Durvalumab Plus Tremelimumab Fails to Meet Survival End Point in Phase 3 Metastatic NSCLC Study

First-line durvalumab (Imfinzi) and tremelimumab (Imjudo) did not achieve a statistically significant improvement in overall survival (OS) vs standard chemotherapy among patients with metastatic non–small cell lung cancer (NSCLC) and a blood tumor mutational burden (bTMB) of 20 mut/Mb or more, according to findings from the open-label phase 3 NEPTUNE trial (NCT02542293).

Among the evaluable population, durvalumab and tremelimumab did not yield a statistically significant improvement in OS compared with standard chemotherapy, although the combination reduced the risk of death with an HR of 0.71 (95% CI, 0.49-1.05; P = .081). The median OS was 11.7 months (95% CI, 8.6-15.2) for the durvalumab/tremelimumab arm and 9.1 months (95% CI, 7.8-12.6) for the chemotherapy arm.

The 24-month OS rates for patients in the durvalumab plus tremelimumab arm and chemotherapy arm, respectively, were 26.1% (95% CI, 16.4%-36.8%) and 13.6% (95% CI, 6.4%-23.6%). Additionally, the HR for progression-free survival (PFS) was 0.77 (95% CI, 0.51-1.15), and the median PFS for the combination and chemotherapy cohorts, respectively, was 4.2 months (95% CI, 2.7-5.6) vs 5.1 months (95% CI, 4.2-5.6).
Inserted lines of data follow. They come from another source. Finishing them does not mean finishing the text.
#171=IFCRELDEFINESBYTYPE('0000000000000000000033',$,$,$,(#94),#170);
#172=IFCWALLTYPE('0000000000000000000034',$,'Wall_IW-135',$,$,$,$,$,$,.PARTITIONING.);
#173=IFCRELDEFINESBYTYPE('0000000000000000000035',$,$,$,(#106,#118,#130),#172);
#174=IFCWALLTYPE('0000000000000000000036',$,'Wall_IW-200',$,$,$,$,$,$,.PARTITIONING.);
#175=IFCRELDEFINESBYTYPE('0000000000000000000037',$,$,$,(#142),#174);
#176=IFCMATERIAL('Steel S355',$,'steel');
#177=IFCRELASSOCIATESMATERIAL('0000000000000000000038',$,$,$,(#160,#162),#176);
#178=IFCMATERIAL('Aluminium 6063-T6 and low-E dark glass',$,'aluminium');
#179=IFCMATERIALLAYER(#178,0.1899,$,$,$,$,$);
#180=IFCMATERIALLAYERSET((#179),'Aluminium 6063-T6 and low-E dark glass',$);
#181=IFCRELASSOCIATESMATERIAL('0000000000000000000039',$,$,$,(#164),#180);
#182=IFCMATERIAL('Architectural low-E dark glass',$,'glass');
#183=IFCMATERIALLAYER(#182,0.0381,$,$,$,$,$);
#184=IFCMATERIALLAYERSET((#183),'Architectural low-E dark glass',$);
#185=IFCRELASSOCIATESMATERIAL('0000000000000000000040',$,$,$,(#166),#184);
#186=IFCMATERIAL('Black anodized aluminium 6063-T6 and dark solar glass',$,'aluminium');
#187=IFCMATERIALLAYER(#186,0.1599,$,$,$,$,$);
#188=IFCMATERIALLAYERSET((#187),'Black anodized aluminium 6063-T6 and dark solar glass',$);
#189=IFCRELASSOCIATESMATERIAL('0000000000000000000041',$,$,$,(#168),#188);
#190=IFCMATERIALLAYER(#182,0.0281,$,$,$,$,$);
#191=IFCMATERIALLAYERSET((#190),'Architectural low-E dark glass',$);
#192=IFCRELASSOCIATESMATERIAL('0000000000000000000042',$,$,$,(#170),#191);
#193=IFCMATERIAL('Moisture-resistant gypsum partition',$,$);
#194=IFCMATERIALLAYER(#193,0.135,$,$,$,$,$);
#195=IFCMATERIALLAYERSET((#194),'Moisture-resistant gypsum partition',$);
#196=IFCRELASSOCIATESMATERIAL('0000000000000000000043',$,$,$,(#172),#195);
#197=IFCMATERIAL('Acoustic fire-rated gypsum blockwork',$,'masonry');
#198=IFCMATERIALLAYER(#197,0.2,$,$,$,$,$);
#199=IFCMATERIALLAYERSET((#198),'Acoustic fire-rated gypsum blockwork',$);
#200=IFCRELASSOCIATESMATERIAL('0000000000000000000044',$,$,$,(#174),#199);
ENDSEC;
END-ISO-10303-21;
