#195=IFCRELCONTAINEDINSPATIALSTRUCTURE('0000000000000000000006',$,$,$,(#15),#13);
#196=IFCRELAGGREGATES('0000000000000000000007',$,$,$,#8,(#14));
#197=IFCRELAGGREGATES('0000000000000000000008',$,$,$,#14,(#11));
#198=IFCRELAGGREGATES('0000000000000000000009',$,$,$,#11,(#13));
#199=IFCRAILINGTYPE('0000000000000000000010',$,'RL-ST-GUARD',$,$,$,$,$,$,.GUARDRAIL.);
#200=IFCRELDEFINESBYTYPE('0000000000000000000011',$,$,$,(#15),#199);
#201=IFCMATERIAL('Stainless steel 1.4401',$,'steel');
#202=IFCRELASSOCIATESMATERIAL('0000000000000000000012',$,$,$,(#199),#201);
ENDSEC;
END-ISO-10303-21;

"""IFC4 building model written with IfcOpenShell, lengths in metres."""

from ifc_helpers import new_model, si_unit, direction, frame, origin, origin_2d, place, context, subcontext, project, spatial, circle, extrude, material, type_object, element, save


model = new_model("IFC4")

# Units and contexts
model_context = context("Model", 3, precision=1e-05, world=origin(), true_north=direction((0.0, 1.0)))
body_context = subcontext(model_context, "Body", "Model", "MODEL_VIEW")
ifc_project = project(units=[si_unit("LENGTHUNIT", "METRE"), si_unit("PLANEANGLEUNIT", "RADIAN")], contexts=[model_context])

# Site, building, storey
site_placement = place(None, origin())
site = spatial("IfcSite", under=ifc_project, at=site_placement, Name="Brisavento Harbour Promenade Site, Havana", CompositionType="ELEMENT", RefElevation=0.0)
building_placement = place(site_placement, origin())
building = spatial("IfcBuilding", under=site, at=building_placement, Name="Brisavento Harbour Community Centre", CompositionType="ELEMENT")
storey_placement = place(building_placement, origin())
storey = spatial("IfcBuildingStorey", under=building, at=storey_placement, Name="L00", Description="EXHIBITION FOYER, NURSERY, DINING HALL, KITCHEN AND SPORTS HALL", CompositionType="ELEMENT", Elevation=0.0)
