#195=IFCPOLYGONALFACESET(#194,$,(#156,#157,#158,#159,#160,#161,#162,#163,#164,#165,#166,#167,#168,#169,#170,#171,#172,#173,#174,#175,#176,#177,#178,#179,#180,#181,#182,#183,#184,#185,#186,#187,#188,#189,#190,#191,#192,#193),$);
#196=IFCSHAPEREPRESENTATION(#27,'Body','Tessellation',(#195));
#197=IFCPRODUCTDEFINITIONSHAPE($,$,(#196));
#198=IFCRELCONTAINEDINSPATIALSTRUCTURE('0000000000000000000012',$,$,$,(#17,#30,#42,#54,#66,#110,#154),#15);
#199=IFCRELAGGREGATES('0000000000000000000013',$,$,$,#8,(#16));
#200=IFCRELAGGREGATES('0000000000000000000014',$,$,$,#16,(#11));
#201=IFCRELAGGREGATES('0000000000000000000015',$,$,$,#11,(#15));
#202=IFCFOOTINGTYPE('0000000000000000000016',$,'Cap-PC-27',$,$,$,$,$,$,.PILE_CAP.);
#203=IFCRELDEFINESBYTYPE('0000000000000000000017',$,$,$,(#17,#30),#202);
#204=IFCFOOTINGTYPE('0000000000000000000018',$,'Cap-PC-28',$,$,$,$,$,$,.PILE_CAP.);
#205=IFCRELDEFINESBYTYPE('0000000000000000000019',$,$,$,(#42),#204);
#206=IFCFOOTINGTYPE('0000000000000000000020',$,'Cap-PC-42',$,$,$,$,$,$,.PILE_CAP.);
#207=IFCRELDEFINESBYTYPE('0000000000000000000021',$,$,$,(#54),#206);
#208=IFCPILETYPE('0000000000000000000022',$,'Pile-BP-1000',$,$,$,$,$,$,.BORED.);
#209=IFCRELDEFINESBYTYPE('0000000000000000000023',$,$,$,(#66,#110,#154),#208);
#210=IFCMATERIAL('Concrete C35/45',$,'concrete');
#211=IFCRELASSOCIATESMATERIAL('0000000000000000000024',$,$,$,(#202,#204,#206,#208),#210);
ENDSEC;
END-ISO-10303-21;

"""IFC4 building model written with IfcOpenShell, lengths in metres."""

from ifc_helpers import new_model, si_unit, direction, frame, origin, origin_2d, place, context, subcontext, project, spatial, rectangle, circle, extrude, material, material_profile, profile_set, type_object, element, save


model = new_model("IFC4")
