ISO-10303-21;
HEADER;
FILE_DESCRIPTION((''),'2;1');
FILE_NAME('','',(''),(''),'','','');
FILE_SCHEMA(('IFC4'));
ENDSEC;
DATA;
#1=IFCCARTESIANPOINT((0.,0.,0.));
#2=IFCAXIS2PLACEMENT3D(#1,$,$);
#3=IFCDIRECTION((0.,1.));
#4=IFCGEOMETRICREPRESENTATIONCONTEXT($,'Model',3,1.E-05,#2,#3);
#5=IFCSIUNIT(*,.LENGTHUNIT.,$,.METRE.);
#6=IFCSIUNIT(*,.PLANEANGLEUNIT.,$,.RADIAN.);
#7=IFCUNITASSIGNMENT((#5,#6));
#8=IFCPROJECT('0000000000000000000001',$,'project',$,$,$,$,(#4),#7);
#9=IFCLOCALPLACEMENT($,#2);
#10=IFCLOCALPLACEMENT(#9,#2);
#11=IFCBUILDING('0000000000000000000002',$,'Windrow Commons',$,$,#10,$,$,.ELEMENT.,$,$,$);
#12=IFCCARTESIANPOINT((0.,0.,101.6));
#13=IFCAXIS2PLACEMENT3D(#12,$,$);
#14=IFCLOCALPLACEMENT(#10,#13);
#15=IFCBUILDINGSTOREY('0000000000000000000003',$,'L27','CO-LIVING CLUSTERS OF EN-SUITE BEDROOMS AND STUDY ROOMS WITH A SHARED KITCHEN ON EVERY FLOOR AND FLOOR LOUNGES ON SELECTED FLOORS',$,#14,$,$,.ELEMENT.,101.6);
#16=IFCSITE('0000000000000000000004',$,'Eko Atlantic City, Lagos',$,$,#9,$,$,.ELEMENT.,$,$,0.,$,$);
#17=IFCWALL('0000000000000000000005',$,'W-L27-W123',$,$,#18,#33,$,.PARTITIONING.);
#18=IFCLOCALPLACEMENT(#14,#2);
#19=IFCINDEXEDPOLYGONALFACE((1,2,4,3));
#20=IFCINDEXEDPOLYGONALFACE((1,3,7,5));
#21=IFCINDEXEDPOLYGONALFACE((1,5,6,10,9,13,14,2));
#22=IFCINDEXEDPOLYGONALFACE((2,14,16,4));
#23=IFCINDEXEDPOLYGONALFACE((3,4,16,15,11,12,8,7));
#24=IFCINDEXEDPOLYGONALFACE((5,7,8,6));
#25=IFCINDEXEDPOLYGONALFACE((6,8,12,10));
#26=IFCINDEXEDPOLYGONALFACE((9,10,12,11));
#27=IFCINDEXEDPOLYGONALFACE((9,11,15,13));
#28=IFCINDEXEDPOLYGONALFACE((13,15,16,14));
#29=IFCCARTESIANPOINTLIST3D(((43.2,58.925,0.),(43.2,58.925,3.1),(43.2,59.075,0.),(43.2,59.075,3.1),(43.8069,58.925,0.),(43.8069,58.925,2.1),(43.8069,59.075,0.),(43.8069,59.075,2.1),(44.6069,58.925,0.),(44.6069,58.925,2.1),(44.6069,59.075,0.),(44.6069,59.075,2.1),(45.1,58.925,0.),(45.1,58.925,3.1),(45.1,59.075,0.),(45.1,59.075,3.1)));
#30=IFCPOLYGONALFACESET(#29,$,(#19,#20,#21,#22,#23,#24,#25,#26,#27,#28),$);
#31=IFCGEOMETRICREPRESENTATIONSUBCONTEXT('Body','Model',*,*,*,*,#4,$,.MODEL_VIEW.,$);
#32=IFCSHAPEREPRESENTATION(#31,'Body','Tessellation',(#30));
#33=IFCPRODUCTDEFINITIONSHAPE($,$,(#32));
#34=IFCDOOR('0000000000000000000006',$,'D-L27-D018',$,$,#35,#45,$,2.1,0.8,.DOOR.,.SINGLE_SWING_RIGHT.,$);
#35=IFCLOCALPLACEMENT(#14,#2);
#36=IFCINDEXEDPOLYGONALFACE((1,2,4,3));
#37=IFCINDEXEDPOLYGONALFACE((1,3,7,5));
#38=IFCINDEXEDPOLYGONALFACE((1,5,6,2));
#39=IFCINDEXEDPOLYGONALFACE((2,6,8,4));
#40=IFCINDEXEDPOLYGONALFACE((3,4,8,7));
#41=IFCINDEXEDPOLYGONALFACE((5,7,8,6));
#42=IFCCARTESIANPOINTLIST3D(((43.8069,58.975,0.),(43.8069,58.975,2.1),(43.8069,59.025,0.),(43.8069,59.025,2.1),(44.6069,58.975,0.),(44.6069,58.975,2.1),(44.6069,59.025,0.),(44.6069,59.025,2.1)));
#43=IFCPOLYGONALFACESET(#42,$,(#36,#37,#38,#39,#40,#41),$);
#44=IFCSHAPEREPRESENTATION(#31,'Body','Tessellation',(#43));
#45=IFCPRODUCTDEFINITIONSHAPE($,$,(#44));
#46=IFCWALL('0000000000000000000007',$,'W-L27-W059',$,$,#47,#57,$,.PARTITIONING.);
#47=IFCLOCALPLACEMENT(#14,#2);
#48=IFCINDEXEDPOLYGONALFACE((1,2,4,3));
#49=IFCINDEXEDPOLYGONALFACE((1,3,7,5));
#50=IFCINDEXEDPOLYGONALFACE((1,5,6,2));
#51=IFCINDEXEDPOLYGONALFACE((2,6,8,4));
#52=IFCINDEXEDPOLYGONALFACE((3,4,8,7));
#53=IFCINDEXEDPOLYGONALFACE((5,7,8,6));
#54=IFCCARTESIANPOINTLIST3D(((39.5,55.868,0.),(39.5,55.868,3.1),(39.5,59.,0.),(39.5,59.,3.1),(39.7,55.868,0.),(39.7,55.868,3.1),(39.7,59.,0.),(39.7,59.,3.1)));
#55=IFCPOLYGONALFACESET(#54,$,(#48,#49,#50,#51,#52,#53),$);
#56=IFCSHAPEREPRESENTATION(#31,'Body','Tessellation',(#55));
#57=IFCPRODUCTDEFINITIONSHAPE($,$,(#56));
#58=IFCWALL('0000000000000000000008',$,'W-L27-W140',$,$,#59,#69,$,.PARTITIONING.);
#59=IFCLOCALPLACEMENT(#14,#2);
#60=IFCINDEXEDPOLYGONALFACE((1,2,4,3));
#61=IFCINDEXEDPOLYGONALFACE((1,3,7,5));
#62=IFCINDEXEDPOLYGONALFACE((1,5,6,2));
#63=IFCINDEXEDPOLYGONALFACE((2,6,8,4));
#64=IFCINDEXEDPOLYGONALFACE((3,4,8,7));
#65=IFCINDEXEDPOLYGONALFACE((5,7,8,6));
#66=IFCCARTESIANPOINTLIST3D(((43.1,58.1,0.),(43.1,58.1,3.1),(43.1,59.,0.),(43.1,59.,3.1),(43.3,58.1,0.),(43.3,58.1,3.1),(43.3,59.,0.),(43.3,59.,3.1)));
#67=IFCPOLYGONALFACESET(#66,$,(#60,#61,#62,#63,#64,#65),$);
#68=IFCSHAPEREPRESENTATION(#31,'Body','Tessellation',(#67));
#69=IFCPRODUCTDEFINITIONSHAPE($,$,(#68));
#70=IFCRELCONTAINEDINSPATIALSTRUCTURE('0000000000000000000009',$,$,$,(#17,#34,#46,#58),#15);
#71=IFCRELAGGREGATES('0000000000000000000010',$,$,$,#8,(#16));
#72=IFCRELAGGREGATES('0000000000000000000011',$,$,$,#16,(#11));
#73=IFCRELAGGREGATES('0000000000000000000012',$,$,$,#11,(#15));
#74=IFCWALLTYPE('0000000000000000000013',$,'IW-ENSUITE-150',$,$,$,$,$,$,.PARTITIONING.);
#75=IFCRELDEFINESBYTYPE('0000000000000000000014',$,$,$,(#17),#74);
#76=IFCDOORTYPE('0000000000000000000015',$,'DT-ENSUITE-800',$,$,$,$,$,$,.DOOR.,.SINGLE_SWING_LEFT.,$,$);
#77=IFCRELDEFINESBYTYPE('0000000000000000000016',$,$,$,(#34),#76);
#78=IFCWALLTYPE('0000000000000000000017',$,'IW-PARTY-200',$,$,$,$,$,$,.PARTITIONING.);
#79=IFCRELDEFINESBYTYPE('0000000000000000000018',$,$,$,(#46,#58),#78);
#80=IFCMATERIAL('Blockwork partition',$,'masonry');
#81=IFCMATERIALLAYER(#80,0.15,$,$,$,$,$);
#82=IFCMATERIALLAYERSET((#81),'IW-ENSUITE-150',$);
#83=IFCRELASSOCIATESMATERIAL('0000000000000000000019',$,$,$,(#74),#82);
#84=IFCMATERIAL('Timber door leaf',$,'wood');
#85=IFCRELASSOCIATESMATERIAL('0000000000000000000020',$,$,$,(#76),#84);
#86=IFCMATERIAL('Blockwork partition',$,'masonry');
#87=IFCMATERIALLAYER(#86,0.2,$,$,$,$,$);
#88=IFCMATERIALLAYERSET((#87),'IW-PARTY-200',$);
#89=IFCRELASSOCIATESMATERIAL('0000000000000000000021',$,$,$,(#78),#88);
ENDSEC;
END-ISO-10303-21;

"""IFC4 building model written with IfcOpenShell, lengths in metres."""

from ifc_helpers import new_model, si_unit, direction, frame, frame_2d, origin, place, context, subcontext, project, spatial, rectangle, extrude, material, layer, layer_set, type_object, element, fill, save


model = new_model("IFC4")

# Units and contexts
model_context = context("Model", 3, precision=1e-05, world=origin(), true_north=direction((0.0, 1.0)))
body_context = subcontext(model_context, "Body", "Model", "MODEL_VIEW")
ifc_project = project(units=[si_unit("LENGTHUNIT", "METRE"), si_unit("PLANEANGLEUNIT", "RADIAN")], contexts=[model_context])

# Site, building, storey
site_placement = place(None, origin())
site = spatial("IfcSite", under=ifc_project, at=site_placement, Name="Eko Atlantic City, Lagos", CompositionType="ELEMENT", RefElevation=0.0)
building_placement = place(site_placement, origin())
building = spatial("IfcBuilding", under=site, at=building_placement, Name="Windrow Commons", CompositionType="ELEMENT")
storey_placement = place(building_placement, frame((0.0, 0.0, 101.6)))
storey = spatial("IfcBuildingStorey", under=building, at=storey_placement, Name="L27", Description="CO-LIVING CLUSTERS OF EN-SUITE BEDROOMS AND STUDY ROOMS WITH A SHARED KITCHEN ON EVERY FLOOR AND FLOOR LOUNGES ON SELECTED FLOORS", CompositionType="ELEMENT", Elevation=101.6)

# Shared definitions
ifc_material_1 = material(Name="Blockwork partition", Category="masonry")
ifc_layer_1 = layer(ifc_material_1, 0.15)
ifc_layer_set_1 = layer_set([ifc_layer_1], Name="IW-ENSUITE-150")
wall_type_1 = type_object("IfcWallType", Name="IW-ENSUITE-150", PredefinedType="PARTITIONING", material=ifc_layer_set_1)

# Wall, opening, door
ifc_material_2 = material(Name="Timber door leaf", Category="wood")
door_type = type_object("IfcDoorType", Name="DT-ENSUITE-800", OperationType="SINGLE_SWING_LEFT", PredefinedType="DOOR", material=ifc_material_2)
wall_1_placement = place(storey_placement, frame((43.2, 59.0, 0.0), z_axis=(0.0, 0.0, 1.0), x_axis=(1.0, 0.0, 0.0)))
wall_1 = element("IfcWall", 1, at=wall_1_placement, inside=storey, type_object=wall_type_1, Name="W-L27-W123", PredefinedType="PARTITIONING", context=body_context, shape_type="SweptSolid", body=[
    extrude(rectangle(XDim=1.9, YDim=0.15, at=frame_2d((0.95, 0.0))), origin(), (0.0, 0.0, 1.0), 3.1),
])
opening_1_placement = place(wall_1_placement, frame((0.6069, 0.0, 0.0)))
opening_1 = element("IfcOpeningElement", 2, at=opening_1_placement, cuts=wall_1, PredefinedType="OPENING", context=body_context, shape_type="SweptSolid", body=[
    extrude(rectangle(XDim=0.8, YDim=2.1, at=frame_2d((0.4, 1.05))), frame((0.0, 0.085, 0.0), z_axis=(0.0, -1.0, 0.0), x_axis=(1.0, 0.0, 0.0)), (0.0, 0.0, 1.0), 0.17),
])
door_1_placement = place(opening_1_placement, origin())
door_1 = element("IfcDoor", 3, at=door_1_placement, inside=storey, type_object=door_type, Name="D-L27-D018", OperationType="SINGLE_SWING_RIGHT", OverallHeight=2.1, OverallWidth=0.8, PredefinedType="DOOR", context=body_context, shape_type="SweptSolid", body=[
    extrude(rectangle(XDim=0.8, YDim=2.1, at=frame_2d((0.4, 1.05))), frame((0.0, 0.025, 0.0), z_axis=(0.0, -1.0, 0.0), x_axis=(1.0, 0.0, 0.0)), (0.0, 0.0, 1.0), 0.05),
])
fill(opening_1, door_1)

# Walls
ifc_material_3 = material(Name="Blockwork partition", Category="masonry")
ifc_layer_2 = layer(ifc_material_3, 0.2)
ifc_layer_set_2 = layer_set([ifc_layer_2], Name="IW-PARTY-200")
wall_type_2 = type_object("IfcWallType", Name="IW-PARTY-200", PredefinedType="PARTITIONING", material=ifc_layer_set_2)
wall_2_placement = place(storey_placement, frame((39.6, 55.868, 0.0), z_axis=(0.0, 0.0, 1.0), x_axis=(0.0, 1.0, 0.0)))
element("IfcWall", 4, at=wall_2_placement, inside=storey, type_object=wall_type_2, Name="W-L27-W059", PredefinedType="PARTITIONING", context=body_context, shape_type="SweptSolid", body=[
    extrude(rectangle(XDim=3.132, YDim=0.2, at=frame_2d((1.566, 0.0))), origin(), (0.0, 0.0, 1.0), 3.1),
])
wall_3_placement = place(storey_placement, frame((43.2, 58.1, 0.0), z_axis=(0.0, 0.0, 1.0), x_axis=(0.0, 1.0, 0.0)))
element("IfcWall", 5, at=wall_3_placement, inside=storey, type_object=wall_type_2, Name="W-L27-W140", PredefinedType="PARTITIONING", context=body_context, shape_type="SweptSolid", body=[
    extrude(rectangle(XDim=0.9, YDim=0.2, at=frame_2d((0.45, 0.0))), origin(), (0.0, 0.0, 1.0), 3.1),
])

save(model, "model.ifc")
A total of 823 enrolled patients were randomly assigned 1:1 to either durvalumab plus tremelimumab (n = 410) or chemotherapy (n = 413). Patients in the experimental arm received 20 mg/kg of durvalumab every 4 weeks until disease progression along with 1 mg/kg of tremelimumab every 4 weeks for up to 4 treatment cycles. Those in the control arm received an investigator’s choice of platinum-based chemotherapy every 3 weeks for 4 to 6 cycles.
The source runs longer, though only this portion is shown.